The format of the status is defined by its API struct: https://github.com/openmcp-project/openmcp-operator/blob/main/api/provider/v1alpha1/serviceprovider_types.go#L34

The field is currently named resources, but we could rename it to something else, I just had to pick a name so that I could implement the MCP controller logic.

That is fine, I didn't know that this is already there. We can keep it like this.

[reshnm]

In theory, each service provider should anyhow check for MCP existence, because it should not do anything if a service resource is created without a corresponding MCP.

We implicitely did that by only creating an access request on the MCP cluster without a cluster request.
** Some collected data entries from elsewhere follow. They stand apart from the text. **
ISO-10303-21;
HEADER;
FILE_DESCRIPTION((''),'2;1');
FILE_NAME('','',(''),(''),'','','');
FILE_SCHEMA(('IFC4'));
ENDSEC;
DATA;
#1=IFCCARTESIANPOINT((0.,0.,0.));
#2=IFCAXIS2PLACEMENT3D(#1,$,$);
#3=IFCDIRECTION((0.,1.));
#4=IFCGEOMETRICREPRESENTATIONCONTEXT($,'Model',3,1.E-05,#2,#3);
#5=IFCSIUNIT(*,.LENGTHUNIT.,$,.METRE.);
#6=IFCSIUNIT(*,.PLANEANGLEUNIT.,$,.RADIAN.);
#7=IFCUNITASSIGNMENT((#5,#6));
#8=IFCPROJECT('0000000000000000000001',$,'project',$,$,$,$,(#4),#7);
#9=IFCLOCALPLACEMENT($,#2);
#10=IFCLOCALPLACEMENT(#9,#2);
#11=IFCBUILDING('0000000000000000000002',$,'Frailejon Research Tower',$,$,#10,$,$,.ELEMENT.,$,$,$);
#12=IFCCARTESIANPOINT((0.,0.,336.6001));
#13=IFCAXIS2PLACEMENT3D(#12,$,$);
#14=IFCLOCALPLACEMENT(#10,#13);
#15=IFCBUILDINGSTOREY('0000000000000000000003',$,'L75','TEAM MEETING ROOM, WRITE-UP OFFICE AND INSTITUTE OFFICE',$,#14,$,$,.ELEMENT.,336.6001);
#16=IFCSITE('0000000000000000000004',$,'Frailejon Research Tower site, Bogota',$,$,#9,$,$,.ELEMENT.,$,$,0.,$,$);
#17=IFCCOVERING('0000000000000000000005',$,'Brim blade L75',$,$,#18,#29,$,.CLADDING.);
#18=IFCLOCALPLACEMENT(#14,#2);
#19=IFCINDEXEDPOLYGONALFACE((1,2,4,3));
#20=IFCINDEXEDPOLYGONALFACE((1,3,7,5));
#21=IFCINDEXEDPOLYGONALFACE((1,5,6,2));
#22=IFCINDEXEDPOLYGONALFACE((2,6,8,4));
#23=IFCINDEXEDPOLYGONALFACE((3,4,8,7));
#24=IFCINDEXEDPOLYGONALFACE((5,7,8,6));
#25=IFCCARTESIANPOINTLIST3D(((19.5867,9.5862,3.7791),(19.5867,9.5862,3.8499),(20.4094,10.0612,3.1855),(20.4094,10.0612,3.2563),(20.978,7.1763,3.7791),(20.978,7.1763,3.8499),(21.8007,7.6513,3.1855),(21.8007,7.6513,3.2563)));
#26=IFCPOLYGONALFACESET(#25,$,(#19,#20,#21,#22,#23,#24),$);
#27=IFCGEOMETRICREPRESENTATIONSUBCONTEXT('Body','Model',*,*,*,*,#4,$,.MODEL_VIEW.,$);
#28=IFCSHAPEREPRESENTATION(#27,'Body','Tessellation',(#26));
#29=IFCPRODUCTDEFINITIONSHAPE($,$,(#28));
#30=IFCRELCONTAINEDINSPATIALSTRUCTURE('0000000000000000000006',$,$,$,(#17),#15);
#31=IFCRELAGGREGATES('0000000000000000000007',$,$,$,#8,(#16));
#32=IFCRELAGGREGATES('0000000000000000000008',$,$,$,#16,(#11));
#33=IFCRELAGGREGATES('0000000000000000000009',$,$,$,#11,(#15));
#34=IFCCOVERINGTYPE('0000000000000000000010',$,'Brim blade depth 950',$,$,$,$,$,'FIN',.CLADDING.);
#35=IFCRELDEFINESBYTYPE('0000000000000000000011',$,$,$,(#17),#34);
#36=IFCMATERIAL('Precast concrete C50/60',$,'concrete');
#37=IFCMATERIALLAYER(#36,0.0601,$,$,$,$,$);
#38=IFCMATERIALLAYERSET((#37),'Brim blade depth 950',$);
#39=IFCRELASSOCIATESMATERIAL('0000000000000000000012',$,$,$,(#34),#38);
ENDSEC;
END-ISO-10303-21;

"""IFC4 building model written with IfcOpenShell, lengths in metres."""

from ifc_helpers import new_model, si_unit, direction, frame, origin, place, context, subcontext, project, spatial, polyline, outline, extrude, material, layer, layer_set, type_object, element, save


model = new_model("IFC4")

# Units and contexts
model_context = context("Model", 3, precision=1e-05, world=origin(), true_north=direction((0.0, 1.0)))
body_context = subcontext(model_context, "Body", "Model", "MODEL_VIEW")
ifc_project = project(units=[si_unit("LENGTHUNIT", "METRE"), si_unit("PLANEANGLEUNIT", "RADIAN")], contexts=[model_context])

# Site, building, storey
site_placement = place(None, origin())
site = spatial("IfcSite", under=ifc_project, at=site_placement, Name="Frailejon Research Tower site, Bogota", CompositionType="ELEMENT", RefElevation=0.0)
building_placement = place(site_placement, origin())
building = spatial("IfcBuilding", under=site, at=building_placement, Name="Frailejon Research Tower", CompositionType="ELEMENT")
storey_placement = place(building_placement, frame((0.0, 0.0, 336.6001)))
storey = spatial("IfcBuildingStorey", under=building, at=storey_placement, Name="L75", Description="TEAM MEETING ROOM, WRITE-UP OFFICE AND INSTITUTE OFFICE", CompositionType="ELEMENT", Elevation=336.6001)

# Covering
ifc_material_1 = material(Name="Precast concrete C50/60", Category="concrete")
ifc_layer_1 = layer(ifc_material_1, 0.0601)
ifc_layer_set_1 = layer_set([ifc_layer_1], Name="Brim blade depth 950")
covering_type_1 = type_object("IfcCoveringType", Name="Brim blade depth 950", ElementType="FIN", PredefinedType="CLADDING", material=ifc_layer_set_1)
covering_1_placement = place(storey_placement, frame((19.5867, 9.5862, 3.8499), z_axis=(0.500001, -0.866025, 0.0), x_axis=(0.866025, 0.500001, 0.0)))
element("IfcCovering", 1, at=covering_1_placement, inside=storey, type_object=covering_type_1, Name="Brim blade L75", PredefinedType="CLADDING", context=body_context, shape_type="SweptSolid", body=[
    extrude(outline(polyline([(0.0, -0.0708), (0.95, -0.6643), (0.95, -0.5935), (0.0, 0.0), (0.0, -0.0708)])), origin(), (0.0, 0.0, 1.0), 2.7827),
])

save(model, "model.ifc")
But maybe we should make this more explicit

[Diaphteiros]

We implicitely did that by only creating an access request on the MCP cluster without a cluster request. But maybe we should make this more explicit

My argument is that not even the AccessRequest should get created if the MCPv2 doesn't exist. Although it is nice that even without this check the service provider is unable to do much.

[Diaphteiros]

I thought about it and it would probably be a good idea to have the mcp operator scan for all service resources, independently from any finalizers. Because this way, we won't end up with orphaned services, even if a service provider 'forgets' to add the finalizer. This would make the finalizer optional.

This requires a code change in the PlatformService MCP too, but it should be easy.